Inspired by a January effort in which it assembled 108,000 nonperishable boxed meals for the hungry, Oro Valley Church of the Nazarene is thinking bigger.
This time, in an effort that began Wednesday and continues through Saturday, the goal is to put together 250,000 meals.
The so-called MobilePack event is sponsored by Feed My Starving Children, a Tempe-based nonprofit that collects the food and partners with other groups to send it all over the world.
Dick Egolf, the church’s missions president, said the response from members and others in the community inspired him to shoot higher.
“The January event was just exceptional,” he said. “We had such a good response that we decided to more than double our effort. We want more than just our church people to be involved. It’s a community-wide effort.”
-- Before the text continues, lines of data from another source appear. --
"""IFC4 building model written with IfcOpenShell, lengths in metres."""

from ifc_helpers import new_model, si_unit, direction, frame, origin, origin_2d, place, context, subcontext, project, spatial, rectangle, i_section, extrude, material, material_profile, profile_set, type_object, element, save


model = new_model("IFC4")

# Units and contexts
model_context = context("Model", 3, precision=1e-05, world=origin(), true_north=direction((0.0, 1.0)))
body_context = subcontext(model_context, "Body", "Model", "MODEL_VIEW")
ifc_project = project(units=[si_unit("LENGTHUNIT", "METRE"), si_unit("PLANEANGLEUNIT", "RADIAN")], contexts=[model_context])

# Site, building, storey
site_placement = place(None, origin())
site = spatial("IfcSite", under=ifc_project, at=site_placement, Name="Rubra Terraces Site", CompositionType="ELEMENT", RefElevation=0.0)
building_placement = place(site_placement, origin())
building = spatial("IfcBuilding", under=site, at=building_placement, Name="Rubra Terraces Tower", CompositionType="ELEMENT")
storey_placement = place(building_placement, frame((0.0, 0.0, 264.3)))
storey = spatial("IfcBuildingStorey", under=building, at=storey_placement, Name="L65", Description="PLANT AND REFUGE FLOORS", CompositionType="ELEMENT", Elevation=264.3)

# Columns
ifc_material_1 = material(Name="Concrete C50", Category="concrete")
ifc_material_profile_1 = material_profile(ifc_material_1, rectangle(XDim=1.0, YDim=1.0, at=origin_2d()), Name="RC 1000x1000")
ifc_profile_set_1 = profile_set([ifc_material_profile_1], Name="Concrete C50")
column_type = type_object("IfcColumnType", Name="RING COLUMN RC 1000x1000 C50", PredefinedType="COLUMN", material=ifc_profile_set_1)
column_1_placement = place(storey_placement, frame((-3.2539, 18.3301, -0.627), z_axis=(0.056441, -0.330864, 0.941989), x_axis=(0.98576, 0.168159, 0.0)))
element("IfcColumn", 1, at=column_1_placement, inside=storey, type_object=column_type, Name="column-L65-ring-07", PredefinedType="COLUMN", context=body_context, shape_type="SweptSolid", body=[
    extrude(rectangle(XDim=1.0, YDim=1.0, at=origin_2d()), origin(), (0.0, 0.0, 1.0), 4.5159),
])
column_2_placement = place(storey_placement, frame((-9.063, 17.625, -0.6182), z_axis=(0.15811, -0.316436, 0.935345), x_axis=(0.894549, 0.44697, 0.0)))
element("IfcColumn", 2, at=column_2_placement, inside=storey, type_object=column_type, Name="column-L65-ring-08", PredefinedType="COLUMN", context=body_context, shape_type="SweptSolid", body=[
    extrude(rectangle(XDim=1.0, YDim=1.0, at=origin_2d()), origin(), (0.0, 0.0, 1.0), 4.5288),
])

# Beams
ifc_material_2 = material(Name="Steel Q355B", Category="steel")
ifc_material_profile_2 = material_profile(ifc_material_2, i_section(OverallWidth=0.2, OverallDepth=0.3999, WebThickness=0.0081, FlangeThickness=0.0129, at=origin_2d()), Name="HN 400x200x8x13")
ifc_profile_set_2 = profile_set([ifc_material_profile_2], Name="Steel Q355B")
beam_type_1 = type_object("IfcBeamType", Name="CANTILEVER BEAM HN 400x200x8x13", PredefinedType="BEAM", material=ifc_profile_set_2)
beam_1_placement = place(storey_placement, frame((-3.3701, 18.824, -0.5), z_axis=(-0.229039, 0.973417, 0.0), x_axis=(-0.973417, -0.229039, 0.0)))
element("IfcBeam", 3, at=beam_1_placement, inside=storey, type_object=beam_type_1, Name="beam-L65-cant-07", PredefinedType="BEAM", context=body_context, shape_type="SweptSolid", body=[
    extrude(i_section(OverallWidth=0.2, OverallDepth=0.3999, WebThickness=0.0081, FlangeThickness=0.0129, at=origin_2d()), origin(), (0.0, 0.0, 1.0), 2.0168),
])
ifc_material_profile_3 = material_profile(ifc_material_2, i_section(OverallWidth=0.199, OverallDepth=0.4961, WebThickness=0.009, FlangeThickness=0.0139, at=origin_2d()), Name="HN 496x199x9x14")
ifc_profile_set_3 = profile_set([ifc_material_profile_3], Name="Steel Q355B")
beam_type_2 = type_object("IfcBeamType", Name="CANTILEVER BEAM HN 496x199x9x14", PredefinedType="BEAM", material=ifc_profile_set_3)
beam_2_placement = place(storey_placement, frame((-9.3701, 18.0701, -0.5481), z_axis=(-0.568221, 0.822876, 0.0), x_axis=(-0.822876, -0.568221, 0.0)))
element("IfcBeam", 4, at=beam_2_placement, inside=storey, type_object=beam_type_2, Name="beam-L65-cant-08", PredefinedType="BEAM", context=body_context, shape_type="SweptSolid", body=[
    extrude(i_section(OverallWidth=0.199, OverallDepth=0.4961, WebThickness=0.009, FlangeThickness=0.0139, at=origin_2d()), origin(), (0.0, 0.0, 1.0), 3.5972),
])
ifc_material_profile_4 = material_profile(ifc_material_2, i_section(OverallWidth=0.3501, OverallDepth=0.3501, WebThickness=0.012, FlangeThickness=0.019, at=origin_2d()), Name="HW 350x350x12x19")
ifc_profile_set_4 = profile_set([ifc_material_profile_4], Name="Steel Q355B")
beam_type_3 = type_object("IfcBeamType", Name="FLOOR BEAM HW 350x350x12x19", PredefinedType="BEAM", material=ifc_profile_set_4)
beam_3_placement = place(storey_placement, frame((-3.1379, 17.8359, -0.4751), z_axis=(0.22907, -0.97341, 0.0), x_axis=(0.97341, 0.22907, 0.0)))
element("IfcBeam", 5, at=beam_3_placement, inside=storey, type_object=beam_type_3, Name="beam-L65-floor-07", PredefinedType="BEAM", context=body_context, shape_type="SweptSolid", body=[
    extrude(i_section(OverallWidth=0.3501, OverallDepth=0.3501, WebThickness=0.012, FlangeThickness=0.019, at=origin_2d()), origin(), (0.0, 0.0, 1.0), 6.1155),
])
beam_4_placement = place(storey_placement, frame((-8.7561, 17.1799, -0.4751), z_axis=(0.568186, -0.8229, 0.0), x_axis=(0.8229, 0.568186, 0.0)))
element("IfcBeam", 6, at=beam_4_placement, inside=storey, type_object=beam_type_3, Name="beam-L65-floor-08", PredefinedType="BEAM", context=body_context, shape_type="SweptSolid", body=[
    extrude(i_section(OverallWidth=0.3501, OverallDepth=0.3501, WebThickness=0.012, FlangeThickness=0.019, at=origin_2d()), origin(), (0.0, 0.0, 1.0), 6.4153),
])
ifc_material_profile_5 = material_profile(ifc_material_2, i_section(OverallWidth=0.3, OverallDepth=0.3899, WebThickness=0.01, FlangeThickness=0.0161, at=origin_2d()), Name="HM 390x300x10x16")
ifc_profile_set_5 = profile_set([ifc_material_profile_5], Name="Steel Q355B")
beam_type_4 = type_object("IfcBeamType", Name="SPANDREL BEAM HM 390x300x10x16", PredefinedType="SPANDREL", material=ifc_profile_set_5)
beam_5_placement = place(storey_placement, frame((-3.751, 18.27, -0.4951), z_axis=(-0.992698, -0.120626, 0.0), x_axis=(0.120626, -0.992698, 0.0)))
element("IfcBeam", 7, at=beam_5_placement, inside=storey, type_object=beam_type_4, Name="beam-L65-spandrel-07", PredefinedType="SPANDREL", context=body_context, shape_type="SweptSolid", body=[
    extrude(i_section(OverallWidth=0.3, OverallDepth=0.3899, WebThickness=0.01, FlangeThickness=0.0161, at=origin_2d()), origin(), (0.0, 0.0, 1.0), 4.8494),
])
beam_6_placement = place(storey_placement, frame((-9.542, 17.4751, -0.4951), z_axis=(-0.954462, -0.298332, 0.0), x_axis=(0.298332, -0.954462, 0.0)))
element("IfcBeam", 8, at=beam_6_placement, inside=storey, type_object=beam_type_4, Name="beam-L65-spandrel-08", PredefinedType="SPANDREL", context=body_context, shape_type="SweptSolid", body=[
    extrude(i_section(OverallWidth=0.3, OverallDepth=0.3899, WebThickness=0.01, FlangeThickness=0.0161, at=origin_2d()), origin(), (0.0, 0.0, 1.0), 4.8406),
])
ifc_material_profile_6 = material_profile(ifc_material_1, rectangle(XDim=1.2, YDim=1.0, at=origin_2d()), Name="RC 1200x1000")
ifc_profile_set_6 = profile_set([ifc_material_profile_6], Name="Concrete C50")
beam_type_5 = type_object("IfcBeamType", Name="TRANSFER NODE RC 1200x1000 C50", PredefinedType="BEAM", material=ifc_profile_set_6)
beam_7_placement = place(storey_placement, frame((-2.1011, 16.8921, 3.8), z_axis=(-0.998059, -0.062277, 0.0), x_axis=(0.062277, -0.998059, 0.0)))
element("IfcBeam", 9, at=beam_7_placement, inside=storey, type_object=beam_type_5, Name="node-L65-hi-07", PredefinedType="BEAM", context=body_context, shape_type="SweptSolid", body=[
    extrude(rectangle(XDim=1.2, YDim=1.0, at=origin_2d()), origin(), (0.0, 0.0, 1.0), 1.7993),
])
As many as 1,200 volunteers will gather at the Oro Valley Church of the Nazarene, 500 W. Calle Concordia
Kids ages 5 and up are welcome to help their parents, and the church is offering child care for younger kids during the Saturday morning shift. Egolf said there is something to do for people of nearly all ages and ability levels.
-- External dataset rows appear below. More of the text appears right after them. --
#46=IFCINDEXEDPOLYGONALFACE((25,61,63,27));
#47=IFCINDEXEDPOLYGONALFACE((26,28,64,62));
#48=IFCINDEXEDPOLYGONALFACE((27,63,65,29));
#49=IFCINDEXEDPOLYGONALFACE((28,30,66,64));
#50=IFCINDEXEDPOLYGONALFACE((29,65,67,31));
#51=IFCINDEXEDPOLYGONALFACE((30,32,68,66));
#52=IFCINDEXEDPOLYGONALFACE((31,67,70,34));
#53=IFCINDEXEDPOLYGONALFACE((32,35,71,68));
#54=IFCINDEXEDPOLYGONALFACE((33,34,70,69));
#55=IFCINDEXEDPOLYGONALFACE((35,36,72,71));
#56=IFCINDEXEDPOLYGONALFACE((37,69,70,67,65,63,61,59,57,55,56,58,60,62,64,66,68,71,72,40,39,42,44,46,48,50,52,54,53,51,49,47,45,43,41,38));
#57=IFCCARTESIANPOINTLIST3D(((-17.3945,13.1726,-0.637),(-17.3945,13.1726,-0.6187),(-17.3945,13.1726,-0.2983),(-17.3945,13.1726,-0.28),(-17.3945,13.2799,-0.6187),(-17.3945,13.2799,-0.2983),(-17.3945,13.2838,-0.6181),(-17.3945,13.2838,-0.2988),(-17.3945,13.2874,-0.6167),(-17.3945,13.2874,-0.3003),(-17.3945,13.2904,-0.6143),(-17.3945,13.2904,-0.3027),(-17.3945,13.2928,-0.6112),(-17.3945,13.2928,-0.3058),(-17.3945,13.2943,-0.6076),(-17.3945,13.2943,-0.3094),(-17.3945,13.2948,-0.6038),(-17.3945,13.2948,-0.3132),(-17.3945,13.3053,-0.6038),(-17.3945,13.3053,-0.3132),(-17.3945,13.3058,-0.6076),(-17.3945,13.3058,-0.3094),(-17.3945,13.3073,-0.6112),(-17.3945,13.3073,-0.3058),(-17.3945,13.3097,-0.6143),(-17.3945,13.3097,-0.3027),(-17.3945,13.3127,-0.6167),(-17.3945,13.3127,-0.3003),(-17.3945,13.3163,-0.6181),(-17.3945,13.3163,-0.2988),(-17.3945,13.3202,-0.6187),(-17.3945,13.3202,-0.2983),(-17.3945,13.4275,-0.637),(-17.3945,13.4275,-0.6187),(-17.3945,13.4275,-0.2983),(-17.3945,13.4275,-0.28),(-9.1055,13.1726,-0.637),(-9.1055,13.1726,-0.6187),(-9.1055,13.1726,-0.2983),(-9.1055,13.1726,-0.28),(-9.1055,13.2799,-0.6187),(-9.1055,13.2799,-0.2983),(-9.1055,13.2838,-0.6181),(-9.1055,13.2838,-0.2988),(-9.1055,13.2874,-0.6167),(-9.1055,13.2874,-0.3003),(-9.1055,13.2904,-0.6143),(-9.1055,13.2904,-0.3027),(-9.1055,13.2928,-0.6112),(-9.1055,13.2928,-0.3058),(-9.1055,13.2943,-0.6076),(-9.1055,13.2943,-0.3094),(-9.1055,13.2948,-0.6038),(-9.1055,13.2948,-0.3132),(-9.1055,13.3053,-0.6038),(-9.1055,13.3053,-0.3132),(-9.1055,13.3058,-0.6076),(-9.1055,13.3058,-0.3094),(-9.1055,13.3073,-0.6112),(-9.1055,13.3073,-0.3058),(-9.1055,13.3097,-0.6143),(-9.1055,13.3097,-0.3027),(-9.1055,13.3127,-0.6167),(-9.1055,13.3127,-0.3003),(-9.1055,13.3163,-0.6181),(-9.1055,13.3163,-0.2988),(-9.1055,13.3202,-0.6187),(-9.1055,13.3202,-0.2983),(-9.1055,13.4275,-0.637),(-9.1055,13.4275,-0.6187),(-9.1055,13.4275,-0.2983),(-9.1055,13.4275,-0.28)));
“If you can’t stand, we have jobs they can do sitting down,” Egolf said, adding that the volunteer effort fits with the church’s religious and community-oriented philosophies.
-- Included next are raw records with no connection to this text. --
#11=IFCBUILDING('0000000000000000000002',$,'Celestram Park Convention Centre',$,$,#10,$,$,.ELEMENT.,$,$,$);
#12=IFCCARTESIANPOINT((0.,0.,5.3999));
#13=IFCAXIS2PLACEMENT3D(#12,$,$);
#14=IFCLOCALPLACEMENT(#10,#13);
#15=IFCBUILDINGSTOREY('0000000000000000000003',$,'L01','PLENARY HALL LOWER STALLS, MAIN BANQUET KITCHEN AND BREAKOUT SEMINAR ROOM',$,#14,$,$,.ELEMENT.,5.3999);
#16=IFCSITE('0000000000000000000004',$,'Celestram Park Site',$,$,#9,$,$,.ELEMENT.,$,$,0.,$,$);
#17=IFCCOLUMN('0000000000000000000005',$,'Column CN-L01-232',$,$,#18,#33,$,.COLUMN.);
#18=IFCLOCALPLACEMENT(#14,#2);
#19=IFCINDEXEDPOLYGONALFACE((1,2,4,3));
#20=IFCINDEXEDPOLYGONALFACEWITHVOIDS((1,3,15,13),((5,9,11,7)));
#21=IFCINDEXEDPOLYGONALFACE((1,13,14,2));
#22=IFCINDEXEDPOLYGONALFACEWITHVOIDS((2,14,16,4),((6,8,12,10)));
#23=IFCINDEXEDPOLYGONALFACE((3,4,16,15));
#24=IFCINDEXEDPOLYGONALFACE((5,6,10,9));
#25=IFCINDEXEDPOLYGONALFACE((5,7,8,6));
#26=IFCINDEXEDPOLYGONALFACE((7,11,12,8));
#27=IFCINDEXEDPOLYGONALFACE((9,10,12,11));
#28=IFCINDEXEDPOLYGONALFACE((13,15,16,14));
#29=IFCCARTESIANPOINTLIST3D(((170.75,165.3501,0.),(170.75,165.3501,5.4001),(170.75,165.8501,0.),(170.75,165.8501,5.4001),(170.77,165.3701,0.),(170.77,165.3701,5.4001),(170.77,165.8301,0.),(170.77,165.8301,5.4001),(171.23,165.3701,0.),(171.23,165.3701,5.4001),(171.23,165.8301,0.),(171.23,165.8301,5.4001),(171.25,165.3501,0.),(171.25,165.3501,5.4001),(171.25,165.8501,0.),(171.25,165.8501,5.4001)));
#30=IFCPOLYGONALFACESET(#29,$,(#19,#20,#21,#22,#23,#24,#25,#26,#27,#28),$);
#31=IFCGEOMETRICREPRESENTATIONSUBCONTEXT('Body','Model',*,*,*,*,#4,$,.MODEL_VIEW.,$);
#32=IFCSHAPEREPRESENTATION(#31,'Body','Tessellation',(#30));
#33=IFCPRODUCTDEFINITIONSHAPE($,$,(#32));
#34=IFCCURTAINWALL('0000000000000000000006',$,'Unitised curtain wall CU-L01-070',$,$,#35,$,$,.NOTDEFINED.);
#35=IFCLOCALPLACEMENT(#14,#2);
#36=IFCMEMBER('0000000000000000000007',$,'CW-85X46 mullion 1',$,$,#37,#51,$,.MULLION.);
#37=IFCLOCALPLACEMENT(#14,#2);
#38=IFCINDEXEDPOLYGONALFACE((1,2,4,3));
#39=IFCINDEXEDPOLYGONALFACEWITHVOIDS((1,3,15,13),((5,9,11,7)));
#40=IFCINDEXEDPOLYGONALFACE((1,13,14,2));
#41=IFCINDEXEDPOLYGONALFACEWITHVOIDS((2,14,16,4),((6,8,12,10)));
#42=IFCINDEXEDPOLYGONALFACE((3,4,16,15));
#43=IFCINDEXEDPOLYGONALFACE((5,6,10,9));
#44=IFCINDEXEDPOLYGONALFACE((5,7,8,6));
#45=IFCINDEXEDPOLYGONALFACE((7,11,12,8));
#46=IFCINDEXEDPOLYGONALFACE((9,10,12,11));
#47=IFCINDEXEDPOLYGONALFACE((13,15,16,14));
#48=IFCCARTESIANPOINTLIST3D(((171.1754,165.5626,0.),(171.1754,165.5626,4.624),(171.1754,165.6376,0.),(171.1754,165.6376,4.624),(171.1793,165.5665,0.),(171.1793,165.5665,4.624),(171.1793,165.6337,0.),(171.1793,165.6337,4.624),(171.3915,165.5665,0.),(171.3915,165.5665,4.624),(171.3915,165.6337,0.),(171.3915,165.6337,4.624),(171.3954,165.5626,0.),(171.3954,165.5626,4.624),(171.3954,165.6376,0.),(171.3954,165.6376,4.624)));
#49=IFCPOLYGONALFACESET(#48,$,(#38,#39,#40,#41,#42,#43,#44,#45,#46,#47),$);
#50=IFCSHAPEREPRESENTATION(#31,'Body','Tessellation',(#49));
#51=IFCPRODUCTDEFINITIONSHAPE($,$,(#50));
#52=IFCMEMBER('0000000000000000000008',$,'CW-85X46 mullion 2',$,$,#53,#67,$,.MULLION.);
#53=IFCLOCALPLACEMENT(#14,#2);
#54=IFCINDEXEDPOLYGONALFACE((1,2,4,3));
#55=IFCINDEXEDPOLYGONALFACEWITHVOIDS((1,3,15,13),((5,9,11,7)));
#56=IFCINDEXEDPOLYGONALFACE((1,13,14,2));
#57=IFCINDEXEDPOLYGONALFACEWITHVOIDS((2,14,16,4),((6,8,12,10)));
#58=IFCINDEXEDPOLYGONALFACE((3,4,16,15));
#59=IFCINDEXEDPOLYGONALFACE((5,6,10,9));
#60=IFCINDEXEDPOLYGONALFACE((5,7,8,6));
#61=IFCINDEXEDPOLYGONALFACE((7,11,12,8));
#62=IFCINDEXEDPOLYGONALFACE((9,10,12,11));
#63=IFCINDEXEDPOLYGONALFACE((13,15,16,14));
Feed My Starving Children doesn’t determine where the meals will go in advance, but takes the packages and finds the best fit for them afterward. January’s MobilePack meals went to the Philippines.
Matt Young, an engineer and church volunteer who is helping organize the event and plans to work there along with his wife, Jamie, said it was eye-opening to take part in January’s MobilePack.
“It was the first time we had ever been to an event like that, and it was really just amazing how much we were able to get done in such a short period of time,” Young said. “It inspired me to want to be more involved.”
Young said he believes he’s motivated to help Feed My Starving Children because he respects the
organization and believes in its mission.
“The organization is one of the best charities out there,” he said, citing the nonprofit’s figures of spending 93 percent of the money it receives on food. “Each meal only costs 22 cents to produce and they get it out to the people that need it. That’s the reason why all of the packing is done by volunteers — to keep the overhead low.”
Egolf said that although the work is in the style of an assembly line, the camaraderie makes for a good time.
“It’s a lot of fun,” he said. “We have eight stations that you work at in teams. We try to get some competitions going, and every time they finish a box of 32 meals, there’s a team cheer. There’s continuous music playing. The two hours go by so fast that the main comment I get after a shift is done is ‘Can we keep going? I want to keep going.’”
Young said the reward for volunteering comes in the work itself.
“You’re always doing different things and moving around,” he said. “Everybody’s having a good time.”